Constraints in PyChoco using %2

Question

I use PyChoco. I have three vectors of 0 and 1 named O1, O2, O3 and I would like to write the constraint: O3 = (01 + O2) %2

The best I have done:

O1  = model.intvars(2,0,1)
O2  = model.intvars(2,0,1)
O3  = model.intvars(2,0,2)

for k in range(2) :
    model.arithm(O1[k], '+', O2[k], '=', O3[k])

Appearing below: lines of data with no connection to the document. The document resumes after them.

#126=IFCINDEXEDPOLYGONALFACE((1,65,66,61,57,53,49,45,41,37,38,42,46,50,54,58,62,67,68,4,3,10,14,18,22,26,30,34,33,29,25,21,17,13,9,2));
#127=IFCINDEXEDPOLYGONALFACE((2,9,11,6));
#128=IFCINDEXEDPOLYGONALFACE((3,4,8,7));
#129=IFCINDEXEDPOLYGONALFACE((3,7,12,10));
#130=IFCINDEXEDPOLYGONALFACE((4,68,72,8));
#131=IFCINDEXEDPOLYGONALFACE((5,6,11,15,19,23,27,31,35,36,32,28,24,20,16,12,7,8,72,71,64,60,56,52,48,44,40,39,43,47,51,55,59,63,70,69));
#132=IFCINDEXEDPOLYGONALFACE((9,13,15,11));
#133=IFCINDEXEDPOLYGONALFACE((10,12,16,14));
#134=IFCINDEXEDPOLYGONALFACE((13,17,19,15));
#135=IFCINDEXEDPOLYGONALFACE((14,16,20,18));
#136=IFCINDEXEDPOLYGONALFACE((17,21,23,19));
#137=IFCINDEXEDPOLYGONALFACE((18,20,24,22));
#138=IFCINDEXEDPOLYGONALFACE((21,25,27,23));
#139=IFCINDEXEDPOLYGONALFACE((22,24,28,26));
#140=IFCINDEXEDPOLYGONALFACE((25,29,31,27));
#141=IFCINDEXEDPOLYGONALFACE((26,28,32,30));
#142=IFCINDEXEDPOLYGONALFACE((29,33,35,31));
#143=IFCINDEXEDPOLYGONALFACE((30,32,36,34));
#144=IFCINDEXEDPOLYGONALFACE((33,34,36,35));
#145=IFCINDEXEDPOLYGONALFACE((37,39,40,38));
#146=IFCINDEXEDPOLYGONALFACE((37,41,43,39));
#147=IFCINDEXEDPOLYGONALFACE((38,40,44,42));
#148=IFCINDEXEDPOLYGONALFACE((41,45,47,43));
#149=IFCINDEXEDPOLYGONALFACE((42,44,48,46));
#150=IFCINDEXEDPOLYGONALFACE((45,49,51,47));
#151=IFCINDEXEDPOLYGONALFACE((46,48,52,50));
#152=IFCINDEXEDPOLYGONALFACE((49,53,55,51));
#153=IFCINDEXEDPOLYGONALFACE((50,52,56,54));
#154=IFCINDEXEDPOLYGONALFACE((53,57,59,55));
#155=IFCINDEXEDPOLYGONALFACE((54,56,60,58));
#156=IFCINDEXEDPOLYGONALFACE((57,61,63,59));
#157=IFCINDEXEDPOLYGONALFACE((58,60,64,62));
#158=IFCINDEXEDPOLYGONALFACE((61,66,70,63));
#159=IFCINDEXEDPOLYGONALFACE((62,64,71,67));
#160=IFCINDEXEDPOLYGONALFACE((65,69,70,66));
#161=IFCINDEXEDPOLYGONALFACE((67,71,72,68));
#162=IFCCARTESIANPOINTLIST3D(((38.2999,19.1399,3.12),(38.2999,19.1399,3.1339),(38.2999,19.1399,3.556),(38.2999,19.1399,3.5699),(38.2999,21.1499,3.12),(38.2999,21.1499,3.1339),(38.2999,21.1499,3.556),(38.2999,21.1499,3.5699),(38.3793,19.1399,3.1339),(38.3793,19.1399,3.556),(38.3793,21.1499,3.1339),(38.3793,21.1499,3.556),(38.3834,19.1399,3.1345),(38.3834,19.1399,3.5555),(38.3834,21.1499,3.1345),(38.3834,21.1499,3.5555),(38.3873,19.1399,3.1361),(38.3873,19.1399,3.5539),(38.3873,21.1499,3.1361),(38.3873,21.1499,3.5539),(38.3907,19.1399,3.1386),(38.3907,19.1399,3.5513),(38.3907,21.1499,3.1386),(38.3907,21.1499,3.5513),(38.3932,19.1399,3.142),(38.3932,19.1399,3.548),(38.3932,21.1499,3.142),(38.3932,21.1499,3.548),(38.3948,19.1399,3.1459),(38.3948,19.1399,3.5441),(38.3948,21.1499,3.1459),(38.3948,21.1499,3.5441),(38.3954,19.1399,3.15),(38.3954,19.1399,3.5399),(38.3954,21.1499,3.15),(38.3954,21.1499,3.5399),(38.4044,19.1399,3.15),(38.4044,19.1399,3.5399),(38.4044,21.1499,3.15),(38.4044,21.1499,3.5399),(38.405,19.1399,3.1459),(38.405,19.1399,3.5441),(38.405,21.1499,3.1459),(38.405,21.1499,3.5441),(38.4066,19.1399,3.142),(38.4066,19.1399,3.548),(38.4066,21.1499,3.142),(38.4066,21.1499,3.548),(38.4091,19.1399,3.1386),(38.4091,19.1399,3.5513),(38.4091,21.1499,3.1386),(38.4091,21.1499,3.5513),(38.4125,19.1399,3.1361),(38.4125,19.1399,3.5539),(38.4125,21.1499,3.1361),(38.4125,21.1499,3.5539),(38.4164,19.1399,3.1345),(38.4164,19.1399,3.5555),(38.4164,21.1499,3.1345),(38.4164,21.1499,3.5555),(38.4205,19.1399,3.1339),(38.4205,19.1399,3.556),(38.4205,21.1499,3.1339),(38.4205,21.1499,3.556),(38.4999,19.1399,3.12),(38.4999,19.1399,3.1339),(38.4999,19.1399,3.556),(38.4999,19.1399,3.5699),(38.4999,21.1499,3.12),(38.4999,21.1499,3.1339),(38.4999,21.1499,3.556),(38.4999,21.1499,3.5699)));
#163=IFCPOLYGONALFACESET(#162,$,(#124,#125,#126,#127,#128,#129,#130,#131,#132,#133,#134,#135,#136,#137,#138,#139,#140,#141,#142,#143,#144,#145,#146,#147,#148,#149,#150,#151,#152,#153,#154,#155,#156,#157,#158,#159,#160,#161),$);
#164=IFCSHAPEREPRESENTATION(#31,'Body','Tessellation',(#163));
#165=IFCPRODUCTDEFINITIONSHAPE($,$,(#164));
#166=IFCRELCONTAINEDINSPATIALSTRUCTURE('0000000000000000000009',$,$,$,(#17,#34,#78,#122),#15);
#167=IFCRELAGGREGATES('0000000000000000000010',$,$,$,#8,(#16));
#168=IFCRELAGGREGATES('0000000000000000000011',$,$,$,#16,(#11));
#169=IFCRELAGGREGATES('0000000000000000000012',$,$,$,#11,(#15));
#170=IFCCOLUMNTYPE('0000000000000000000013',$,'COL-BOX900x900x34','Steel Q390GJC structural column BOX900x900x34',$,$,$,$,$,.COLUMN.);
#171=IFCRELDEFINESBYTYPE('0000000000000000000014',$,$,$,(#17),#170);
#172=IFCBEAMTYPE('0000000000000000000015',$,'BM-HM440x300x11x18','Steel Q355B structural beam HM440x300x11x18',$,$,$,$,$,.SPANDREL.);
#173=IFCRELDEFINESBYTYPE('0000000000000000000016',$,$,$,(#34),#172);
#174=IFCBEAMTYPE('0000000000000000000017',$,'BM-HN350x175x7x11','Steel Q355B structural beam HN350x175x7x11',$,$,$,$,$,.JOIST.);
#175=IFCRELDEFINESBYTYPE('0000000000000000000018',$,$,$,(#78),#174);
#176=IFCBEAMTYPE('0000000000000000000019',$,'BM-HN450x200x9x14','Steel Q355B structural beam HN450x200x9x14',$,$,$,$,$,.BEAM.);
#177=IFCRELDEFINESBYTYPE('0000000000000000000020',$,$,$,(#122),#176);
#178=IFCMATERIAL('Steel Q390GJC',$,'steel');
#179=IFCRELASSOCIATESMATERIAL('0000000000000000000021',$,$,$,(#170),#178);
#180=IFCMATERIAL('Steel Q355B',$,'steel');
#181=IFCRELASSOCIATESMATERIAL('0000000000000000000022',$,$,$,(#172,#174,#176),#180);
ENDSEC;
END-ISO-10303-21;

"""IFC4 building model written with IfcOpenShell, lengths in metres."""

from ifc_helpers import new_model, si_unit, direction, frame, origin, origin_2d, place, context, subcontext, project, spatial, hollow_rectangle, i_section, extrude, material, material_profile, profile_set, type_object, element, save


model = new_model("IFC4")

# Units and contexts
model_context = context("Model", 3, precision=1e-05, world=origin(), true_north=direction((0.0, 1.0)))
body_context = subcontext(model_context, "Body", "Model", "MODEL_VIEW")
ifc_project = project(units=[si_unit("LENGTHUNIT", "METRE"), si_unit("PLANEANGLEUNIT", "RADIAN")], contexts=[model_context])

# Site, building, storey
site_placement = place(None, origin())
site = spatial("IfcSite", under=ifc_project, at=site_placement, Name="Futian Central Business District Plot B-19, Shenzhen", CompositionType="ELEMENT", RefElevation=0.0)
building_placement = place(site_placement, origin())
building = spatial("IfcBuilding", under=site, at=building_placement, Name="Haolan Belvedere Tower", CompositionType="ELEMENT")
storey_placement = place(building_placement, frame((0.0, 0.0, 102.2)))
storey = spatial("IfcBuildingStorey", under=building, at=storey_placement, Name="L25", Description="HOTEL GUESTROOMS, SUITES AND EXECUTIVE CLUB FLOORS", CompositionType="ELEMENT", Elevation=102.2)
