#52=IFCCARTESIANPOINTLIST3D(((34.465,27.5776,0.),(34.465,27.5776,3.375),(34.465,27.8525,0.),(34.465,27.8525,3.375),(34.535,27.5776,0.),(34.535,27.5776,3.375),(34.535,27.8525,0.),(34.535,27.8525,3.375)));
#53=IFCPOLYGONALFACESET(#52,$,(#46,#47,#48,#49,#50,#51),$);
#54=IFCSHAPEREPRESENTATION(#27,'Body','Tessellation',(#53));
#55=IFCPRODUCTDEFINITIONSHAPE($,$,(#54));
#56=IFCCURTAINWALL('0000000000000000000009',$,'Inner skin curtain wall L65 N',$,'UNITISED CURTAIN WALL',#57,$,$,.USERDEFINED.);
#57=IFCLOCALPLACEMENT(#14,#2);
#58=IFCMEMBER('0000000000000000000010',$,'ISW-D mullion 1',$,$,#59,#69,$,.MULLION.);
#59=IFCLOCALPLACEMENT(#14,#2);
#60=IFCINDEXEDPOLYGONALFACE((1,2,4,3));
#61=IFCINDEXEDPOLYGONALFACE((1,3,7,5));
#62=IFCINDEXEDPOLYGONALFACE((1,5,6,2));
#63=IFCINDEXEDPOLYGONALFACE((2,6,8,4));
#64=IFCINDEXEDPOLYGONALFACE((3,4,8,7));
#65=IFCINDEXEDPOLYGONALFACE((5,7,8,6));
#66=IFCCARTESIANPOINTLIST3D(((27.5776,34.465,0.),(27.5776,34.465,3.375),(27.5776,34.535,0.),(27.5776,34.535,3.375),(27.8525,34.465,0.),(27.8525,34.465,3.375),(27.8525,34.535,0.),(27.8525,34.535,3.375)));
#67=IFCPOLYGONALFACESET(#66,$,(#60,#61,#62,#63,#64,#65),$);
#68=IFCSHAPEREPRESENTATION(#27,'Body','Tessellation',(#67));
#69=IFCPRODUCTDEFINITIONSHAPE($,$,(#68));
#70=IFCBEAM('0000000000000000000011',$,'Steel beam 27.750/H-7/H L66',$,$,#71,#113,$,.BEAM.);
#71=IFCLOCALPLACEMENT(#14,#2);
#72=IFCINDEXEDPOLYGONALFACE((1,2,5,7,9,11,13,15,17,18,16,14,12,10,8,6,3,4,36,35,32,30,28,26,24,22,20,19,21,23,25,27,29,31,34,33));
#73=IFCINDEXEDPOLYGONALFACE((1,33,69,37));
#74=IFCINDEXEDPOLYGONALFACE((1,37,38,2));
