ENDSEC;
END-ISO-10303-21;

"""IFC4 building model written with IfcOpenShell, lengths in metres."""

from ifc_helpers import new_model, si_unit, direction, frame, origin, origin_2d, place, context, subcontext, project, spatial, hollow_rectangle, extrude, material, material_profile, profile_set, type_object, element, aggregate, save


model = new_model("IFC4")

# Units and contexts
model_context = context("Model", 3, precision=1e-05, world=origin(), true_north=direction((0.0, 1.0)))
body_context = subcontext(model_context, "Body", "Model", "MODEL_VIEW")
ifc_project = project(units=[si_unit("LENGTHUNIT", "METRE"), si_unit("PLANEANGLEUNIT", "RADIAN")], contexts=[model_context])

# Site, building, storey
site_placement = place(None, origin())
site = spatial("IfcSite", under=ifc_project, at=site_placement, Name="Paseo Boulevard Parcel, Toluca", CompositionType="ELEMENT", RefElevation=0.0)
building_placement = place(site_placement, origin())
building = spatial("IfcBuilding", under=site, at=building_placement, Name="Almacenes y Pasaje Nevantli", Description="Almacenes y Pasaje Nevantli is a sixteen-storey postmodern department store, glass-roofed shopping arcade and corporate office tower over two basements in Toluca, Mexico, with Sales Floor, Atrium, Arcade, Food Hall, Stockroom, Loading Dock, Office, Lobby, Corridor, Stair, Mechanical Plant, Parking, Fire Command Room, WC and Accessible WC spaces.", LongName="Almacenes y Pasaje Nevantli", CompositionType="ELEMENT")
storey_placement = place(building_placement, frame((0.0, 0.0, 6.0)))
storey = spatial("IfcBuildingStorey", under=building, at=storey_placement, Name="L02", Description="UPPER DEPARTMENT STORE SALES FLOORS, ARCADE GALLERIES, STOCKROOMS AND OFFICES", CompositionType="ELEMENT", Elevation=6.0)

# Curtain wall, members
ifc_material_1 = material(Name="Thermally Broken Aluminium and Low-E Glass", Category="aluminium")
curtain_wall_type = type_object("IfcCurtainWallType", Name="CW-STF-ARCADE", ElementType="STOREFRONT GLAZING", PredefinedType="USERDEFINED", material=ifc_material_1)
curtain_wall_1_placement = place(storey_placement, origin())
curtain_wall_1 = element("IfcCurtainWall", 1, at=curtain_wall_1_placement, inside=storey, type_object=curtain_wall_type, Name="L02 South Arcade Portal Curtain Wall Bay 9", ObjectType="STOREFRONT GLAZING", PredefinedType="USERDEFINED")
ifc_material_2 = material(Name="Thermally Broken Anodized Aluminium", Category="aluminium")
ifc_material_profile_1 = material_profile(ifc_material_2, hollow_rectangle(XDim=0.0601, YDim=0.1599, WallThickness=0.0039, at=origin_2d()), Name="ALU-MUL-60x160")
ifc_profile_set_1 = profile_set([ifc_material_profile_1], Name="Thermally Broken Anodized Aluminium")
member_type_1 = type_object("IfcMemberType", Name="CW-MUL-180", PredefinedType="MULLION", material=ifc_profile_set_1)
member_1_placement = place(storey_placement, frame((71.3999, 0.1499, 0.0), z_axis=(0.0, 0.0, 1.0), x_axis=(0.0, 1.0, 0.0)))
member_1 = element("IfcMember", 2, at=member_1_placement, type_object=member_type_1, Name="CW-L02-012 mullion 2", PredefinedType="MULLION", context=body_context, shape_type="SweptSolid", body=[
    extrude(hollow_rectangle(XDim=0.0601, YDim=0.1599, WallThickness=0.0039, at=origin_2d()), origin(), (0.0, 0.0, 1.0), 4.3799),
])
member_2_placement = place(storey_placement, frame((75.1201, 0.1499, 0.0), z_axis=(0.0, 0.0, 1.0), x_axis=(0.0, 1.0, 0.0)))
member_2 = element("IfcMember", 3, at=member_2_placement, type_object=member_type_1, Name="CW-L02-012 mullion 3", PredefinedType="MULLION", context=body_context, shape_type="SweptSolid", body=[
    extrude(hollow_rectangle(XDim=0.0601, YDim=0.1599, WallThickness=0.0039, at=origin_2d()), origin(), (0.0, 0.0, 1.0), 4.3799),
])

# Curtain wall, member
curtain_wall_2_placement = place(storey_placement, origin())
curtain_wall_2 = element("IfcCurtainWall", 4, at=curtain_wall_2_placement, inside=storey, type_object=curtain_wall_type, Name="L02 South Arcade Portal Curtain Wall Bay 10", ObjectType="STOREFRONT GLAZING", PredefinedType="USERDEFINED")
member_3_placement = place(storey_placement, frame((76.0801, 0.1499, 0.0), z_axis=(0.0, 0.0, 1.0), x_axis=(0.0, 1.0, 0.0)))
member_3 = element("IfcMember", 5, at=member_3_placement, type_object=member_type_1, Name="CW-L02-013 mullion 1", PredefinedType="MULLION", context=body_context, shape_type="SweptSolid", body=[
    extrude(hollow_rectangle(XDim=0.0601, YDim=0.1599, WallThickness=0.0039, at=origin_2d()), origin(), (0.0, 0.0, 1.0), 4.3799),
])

but the components of O3 are O,1 or 2 because I don't succeed to add the %2.

Answer 1

to add the %2 you need to add in the model the "mod" constraint. And to do that, you will have to flatten your constraint. Flattening is a very common operation that has to be done during modeling, to have your constraints in a way the solver accepts them.

In your case, this means that you will have to add a new auxilliary variable to represent the expression O1[k] + O2[k], i.e., O1[k], '+', O2[k] = AUX1.

Then another auxilliary variable will represent the expression AUX1%2 (i.e., (O1[k] + O2[k]) % 2): AUX1 % 2 = AUX2

Then, you will use the last auxillary variable (AUX2) in the arithm constraint.

However, I would suggest to use a modeling language, where you can post the constraint as you like it, and the burden of flattening for the specific solver is on the modeling language.

An example in python is CPMpy, which supports choco solver, along with more solvers like the ortools CP-SAT.

Here is how you can do that in cpmpy, using pychoco:

import cpmpy as cp

O1 = cp.intvar(0,1,shape=2)
O2 = cp.intvar(0,1,shape=2)
O3 = cp.intvar(0,2,shape=2)

model = cp.Model()

model += (O1 + O2) % 2 == O3
# The above is the same as using the following for loop as cpmpy variables are based in numpy
#for k in range(2) :
#    model += (O1[k] + O2[k]) % 2 == O3[k]

model.solve("choco")